# Proving a non-stopping time

Let me begin by first confirming that this is indeed the correct place to post this (other ideas I had were math.SE). That said,

Let $X_n$ be a Markov chain on the state space $\mathcal S$ and for $y \in \mathcal S$ let $T_y = \min\{ n \ge 1 : X_n =y\}$ be the first return time to $y$. Let $W_y = T_y - 1$ be the time just before the first return to $y$

• Explain why $W_y$ is not a stopping time

• Show that the Strong Markov Property does not apply to $X_n$ at random time $W_y$.

My Work

When showing that $W_y$ is not a stopping time, is it sufficient to write $$W_y = \bigcap_{i = 1}^{n-1} \{X_i \ne y\} \cap X_n = y$$ and claim that since $X_n$ does not belong to the set $\{X_0, X_1, \dots, X_{n-1}\}$, we have that $W_y$ is not a stopping time?

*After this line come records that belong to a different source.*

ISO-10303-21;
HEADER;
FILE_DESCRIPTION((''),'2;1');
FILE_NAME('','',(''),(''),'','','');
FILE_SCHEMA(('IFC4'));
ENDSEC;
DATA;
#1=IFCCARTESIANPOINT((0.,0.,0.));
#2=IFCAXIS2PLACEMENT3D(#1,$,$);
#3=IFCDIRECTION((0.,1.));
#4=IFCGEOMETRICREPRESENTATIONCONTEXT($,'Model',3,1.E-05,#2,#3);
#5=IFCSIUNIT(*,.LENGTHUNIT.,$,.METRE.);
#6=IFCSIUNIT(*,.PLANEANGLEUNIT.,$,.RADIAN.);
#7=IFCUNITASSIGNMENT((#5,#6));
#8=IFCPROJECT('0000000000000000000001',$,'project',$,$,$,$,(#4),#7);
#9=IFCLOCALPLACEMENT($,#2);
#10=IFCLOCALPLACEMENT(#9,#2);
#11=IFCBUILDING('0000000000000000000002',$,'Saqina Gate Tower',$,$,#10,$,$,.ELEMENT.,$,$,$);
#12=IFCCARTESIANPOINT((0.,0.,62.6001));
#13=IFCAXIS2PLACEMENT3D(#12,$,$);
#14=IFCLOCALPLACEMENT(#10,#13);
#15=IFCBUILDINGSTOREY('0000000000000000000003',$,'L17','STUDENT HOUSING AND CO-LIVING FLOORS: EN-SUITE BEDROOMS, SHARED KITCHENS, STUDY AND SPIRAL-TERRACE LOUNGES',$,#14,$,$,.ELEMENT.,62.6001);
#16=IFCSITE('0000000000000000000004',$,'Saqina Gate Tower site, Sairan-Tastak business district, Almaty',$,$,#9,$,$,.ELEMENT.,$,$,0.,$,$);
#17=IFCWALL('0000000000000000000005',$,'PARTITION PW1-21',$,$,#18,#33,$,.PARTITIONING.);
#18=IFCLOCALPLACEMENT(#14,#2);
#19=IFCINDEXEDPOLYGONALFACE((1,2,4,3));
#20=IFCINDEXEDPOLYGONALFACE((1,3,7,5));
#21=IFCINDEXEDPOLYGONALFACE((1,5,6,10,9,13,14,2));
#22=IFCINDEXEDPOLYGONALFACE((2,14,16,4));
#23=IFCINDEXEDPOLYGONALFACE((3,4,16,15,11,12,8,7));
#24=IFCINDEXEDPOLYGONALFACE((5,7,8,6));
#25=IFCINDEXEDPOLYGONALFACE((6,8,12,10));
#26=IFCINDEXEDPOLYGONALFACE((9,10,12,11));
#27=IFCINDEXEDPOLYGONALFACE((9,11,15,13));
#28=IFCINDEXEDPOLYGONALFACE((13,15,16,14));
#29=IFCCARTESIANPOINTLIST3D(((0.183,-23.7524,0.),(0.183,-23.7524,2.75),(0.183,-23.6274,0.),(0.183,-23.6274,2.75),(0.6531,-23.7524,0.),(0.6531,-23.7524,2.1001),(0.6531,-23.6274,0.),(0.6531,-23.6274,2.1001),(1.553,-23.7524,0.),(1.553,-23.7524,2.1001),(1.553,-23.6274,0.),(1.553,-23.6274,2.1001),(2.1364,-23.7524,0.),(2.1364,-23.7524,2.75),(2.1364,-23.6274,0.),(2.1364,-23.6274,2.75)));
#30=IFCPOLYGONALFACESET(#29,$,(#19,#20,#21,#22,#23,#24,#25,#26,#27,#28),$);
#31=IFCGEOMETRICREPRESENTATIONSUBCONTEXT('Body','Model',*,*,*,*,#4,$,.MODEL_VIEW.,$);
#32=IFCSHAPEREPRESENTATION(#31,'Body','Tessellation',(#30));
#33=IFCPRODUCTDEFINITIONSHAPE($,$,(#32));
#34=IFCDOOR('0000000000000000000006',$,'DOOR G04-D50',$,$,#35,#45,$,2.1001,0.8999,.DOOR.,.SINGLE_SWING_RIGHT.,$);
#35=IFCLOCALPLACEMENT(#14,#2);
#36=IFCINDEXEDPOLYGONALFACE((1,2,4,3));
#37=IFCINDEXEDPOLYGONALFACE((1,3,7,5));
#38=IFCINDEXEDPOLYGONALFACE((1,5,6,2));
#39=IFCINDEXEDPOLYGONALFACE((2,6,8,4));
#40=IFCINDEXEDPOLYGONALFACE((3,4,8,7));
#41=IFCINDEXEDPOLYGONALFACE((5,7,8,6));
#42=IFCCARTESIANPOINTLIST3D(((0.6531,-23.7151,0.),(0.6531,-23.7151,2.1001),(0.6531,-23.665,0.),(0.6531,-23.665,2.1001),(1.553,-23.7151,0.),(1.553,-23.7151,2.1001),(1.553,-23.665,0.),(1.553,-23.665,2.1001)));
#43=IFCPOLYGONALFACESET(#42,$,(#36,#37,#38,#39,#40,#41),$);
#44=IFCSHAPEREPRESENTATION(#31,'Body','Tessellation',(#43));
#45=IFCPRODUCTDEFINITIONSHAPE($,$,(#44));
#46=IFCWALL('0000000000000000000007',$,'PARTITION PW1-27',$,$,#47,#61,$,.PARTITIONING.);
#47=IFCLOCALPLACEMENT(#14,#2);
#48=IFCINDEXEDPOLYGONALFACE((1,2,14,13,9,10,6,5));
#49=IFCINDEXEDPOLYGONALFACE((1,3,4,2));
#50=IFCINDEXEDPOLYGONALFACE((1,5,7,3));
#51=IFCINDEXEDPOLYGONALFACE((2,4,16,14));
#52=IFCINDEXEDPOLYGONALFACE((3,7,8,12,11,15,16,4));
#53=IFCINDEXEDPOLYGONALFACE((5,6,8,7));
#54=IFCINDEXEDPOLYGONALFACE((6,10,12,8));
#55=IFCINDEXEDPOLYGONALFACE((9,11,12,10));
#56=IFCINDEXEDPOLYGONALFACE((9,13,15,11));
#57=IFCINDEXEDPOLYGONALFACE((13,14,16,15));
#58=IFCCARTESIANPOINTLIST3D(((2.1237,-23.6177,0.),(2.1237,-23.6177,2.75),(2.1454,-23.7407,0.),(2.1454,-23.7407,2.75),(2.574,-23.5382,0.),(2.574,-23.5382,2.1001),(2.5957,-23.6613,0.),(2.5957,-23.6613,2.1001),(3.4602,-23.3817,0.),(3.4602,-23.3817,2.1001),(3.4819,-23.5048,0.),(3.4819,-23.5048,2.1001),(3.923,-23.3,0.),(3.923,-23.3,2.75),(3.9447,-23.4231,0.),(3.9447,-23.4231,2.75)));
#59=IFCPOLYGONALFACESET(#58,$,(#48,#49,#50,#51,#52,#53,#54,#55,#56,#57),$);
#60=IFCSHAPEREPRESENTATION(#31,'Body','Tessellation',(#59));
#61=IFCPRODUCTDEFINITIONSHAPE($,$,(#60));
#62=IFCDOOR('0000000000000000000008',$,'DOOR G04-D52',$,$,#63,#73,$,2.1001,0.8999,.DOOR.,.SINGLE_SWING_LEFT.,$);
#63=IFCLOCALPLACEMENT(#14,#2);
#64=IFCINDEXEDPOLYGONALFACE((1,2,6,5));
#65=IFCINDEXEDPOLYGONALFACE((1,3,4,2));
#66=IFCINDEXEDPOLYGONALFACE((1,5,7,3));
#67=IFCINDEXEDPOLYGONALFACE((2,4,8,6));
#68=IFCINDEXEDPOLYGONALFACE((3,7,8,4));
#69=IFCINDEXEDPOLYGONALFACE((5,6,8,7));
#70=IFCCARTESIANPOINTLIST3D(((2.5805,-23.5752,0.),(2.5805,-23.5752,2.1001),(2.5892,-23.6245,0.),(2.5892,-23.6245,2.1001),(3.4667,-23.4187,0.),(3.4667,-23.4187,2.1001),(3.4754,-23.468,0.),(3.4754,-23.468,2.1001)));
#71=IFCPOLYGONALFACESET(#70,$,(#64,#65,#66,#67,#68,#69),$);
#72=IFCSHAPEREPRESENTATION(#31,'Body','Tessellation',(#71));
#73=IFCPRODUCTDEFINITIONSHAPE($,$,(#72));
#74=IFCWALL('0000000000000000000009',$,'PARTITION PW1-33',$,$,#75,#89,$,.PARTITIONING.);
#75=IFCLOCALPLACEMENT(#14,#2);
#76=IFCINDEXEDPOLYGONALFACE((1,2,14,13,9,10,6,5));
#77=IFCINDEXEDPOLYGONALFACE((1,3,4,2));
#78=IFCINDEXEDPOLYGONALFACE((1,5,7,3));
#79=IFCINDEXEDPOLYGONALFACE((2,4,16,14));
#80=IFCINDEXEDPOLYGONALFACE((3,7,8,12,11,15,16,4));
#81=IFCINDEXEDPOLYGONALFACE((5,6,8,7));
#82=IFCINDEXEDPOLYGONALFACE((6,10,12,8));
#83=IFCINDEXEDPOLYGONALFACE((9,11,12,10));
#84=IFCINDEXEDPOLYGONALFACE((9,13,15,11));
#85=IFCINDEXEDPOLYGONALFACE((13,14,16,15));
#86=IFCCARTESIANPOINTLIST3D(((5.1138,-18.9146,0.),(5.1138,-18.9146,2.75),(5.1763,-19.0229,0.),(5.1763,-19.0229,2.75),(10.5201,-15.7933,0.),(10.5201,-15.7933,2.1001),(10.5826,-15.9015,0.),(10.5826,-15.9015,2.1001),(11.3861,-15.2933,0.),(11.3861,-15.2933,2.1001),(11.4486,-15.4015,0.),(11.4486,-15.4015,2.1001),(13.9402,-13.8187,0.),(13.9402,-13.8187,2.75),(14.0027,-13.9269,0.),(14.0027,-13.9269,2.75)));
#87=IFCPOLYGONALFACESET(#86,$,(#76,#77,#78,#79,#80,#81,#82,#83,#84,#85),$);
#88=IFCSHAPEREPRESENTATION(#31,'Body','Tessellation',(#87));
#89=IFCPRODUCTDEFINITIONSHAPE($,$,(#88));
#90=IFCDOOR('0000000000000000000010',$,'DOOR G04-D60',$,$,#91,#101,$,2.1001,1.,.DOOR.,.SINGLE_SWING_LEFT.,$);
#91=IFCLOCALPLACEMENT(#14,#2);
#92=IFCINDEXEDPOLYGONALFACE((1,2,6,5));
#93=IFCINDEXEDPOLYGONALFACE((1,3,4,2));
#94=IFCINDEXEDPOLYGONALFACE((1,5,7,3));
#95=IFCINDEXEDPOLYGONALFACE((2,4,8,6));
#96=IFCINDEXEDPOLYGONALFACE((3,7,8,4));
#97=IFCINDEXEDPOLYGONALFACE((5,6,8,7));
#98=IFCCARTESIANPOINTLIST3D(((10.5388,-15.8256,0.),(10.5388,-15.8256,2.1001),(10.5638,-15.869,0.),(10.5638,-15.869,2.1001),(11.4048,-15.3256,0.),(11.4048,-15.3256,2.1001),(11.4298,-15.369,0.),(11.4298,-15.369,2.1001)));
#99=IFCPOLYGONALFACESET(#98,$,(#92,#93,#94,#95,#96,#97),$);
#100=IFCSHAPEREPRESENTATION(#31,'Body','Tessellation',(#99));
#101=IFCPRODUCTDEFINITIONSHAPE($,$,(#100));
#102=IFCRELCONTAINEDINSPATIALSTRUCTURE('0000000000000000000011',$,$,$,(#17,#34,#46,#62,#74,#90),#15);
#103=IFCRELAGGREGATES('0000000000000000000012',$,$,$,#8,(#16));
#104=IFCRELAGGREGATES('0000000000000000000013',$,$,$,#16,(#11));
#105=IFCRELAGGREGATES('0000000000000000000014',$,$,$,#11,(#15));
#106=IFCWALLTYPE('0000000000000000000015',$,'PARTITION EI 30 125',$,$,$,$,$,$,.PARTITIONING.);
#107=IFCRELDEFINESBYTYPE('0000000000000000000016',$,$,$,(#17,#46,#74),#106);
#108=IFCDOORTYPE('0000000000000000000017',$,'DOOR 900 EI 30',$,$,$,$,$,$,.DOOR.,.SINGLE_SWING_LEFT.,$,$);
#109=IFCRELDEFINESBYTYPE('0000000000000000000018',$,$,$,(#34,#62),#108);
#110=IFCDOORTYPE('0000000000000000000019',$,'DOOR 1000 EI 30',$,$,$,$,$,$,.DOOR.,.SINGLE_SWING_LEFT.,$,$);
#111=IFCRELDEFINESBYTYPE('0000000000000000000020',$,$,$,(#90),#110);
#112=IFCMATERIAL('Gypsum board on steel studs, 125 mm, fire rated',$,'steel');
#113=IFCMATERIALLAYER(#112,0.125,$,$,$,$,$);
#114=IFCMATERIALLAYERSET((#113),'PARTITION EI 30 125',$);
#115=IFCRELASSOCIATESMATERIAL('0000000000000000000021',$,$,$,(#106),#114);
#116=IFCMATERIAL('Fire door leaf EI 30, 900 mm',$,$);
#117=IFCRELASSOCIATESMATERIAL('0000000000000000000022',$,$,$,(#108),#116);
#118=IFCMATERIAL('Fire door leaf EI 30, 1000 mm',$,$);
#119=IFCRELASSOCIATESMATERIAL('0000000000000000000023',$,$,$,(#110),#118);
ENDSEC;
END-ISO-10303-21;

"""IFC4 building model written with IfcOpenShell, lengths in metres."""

from ifc_helpers import new_model, si_unit, direction, frame, frame_2d, origin, place, context, subcontext, project, spatial, rectangle, extrude, material, layer, layer_set, type_object, element, fill, save


model = new_model("IFC4")

# Units and contexts
model_context = context("Model", 3, precision=1e-05, world=origin(), true_north=direction((0.0, 1.0)))
body_context = subcontext(model_context, "Body", "Model", "MODEL_VIEW")
ifc_project = project(units=[si_unit("LENGTHUNIT", "METRE"), si_unit("PLANEANGLEUNIT", "RADIAN")], contexts=[model_context])

# Site, building, storey
site_placement = place(None, origin())
site = spatial("IfcSite", under=ifc_project, at=site_placement, Name="Saqina Gate Tower site, Sairan-Tastak business district, Almaty", CompositionType="ELEMENT", RefElevation=0.0)
building_placement = place(site_placement, origin())
building = spatial("IfcBuilding", under=site, at=building_placement, Name="Saqina Gate Tower", CompositionType="ELEMENT")
storey_placement = place(building_placement, frame((0.0, 0.0, 62.6001)))
storey = spatial("IfcBuildingStorey", under=building, at=storey_placement, Name="L17", Description="STUDENT HOUSING AND CO-LIVING FLOORS: EN-SUITE BEDROOMS, SHARED KITCHENS, STUDY AND SPIRAL-TERRACE LOUNGES", CompositionType="ELEMENT", Elevation=62.6001)

# Walls, openings, doors
ifc_material_1 = material(Name="Gypsum board on steel studs, 125 mm, fire rated", Category="steel")
ifc_layer_1 = layer(ifc_material_1, 0.125)
ifc_layer_set_1 = layer_set([ifc_layer_1], Name="PARTITION EI 30 125")
wall_type_1 = type_object("IfcWallType", Name="PARTITION EI 30 125", PredefinedType="PARTITIONING", material=ifc_layer_set_1)
wall_1_placement = place(storey_placement, frame((0.1831, -23.6899, 0.0), z_axis=(0.0, 0.0, 1.0), x_axis=(1.0, 0.0, 0.0)))
wall_1 = element("IfcWall", 1, at=wall_1_placement, inside=storey, type_object=wall_type_1, Name="PARTITION PW1-21", PredefinedType="PARTITIONING", context=body_context, shape_type="SweptSolid", body=[
    extrude(rectangle(XDim=1.9534, YDim=0.125, at=frame_2d((0.9766, 0.0))), origin(), (0.0, 0.0, 1.0), 2.75),
])
opening_1_placement = place(wall_1_placement, frame((0.47, 0.0, 0.0)))
opening_1 = element("IfcOpeningElement", 2, at=opening_1_placement, cuts=wall_1, PredefinedType="OPENING", context=body_context, shape_type="SweptSolid", body=[
    extrude(rectangle(XDim=0.8999, YDim=2.1001, at=frame_2d((0.45, 1.05))), frame((0.0, 0.0745, 0.0), z_axis=(0.0, -1.0, 0.0), x_axis=(1.0, 0.0, 0.0)), (0.0, 0.0, 1.0), 0.1489),
])
ifc_material_2 = material(Name="Fire door leaf EI 30, 900 mm")
door_type_1 = type_object("IfcDoorType", Name="DOOR 900 EI 30", OperationType="SINGLE_SWING_LEFT", PredefinedType="DOOR", material=ifc_material_2)
door_1_placement = place(opening_1_placement, origin())
door_1 = element("IfcDoor", 3, at=door_1_placement, inside=storey, type_object=door_type_1, Name="DOOR G04-D50", OperationType="SINGLE_SWING_RIGHT", OverallHeight=2.1001, OverallWidth=0.8999, PredefinedType="DOOR", context=body_context, shape_type="SweptSolid", body=[
    extrude(rectangle(XDim=0.8999, YDim=2.1001, at=frame_2d((0.45, 1.05))), frame((0.0, 0.0249, 0.0), z_axis=(0.0, -1.0, 0.0), x_axis=(1.0, 0.0, 0.0)), (0.0, 0.0, 1.0), 0.05),
])
fill(opening_1, door_1)
wall_2_placement = place(storey_placement, frame((2.1345, -23.6792, 0.0), z_axis=(0.0, 0.0, 1.0), x_axis=(0.984774, 0.173839, 0.0)))
wall_2 = element("IfcWall", 4, at=wall_2_placement, inside=storey, type_object=wall_type_1, Name="PARTITION PW1-27", PredefinedType="PARTITIONING", context=body_context, shape_type="SweptSolid", body=[
    extrude(rectangle(XDim=1.8271, YDim=0.125, at=frame_2d((0.9136, 0.0))), origin(), (0.0, 0.0, 1.0), 2.75),
])
opening_2_placement = place(wall_2_placement, frame((0.4573, 0.0, 0.0)))
opening_2 = element("IfcOpeningElement", 5, at=opening_2_placement, cuts=wall_2, PredefinedType="OPENING", context=body_context, shape_type="SweptSolid", body=[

Then, for showing that the Strong Markov Property does not apply, can I write $$\mathbf{P}(X_n = y \mid W_y = n-1, X_{n-1} = i, X_{n-2} = x_{n-2}, \dots, X_0 = y) = 1 \ne p(i, y)$$ where $p(i,y)$ is the one step transition probability from $i$ to $y$?

• This question is on-topic both here and math.SE. It may receive slightly more attention on the math site. Is $\mathcal S$ countable? That seems to be an implicit assumption here. Sep 9 '12 at 13:49
• @cardinal Yes, this is my first Applied Stochastic Processes class so any assumptions I'm not being explicit stem from my inexperience with this subject. W/r/t your specific question, $|\mathcal{S}| = |\Bbb N|$ so $\mathcal{S}$ is indeed countable. Sep 9 '12 at 16:17

First question. Denoting by $({\cal F}_n)$ the filtration generated by the process $(X_n)$ we will prove that the event $A:=\{W_y= 1\}$ does not belong to the $\sigma$-field ${\cal F}_1$. This implies that $W_y$ is not a stopping time. One has $A=\{X_1 \neq y\} \cap \{X_2=y\}$. If $A$ did belong to ${\cal F}_1$ then one would have $\Pr(A \mid {\cal F}_1)={\boldsymbol 1}_A$. But one has $\Pr(A \mid {\cal F}_1) = p(X_1,y){\boldsymbol 1}_{X_1 \neq y}$.

Second question. The process $(X_{W+k})_{k \geq 0}$ is Markovian but does not share the same Markov transition as the process $(X_n)$. Indeed, putting $Y_k=X_{W+k}$, the conditional distribution of $Y_1$ given $Y_0$ is the Dirac distribution at $y$. Hence the strong Markov property of $(X_n)$ does not apply for the random time $W$.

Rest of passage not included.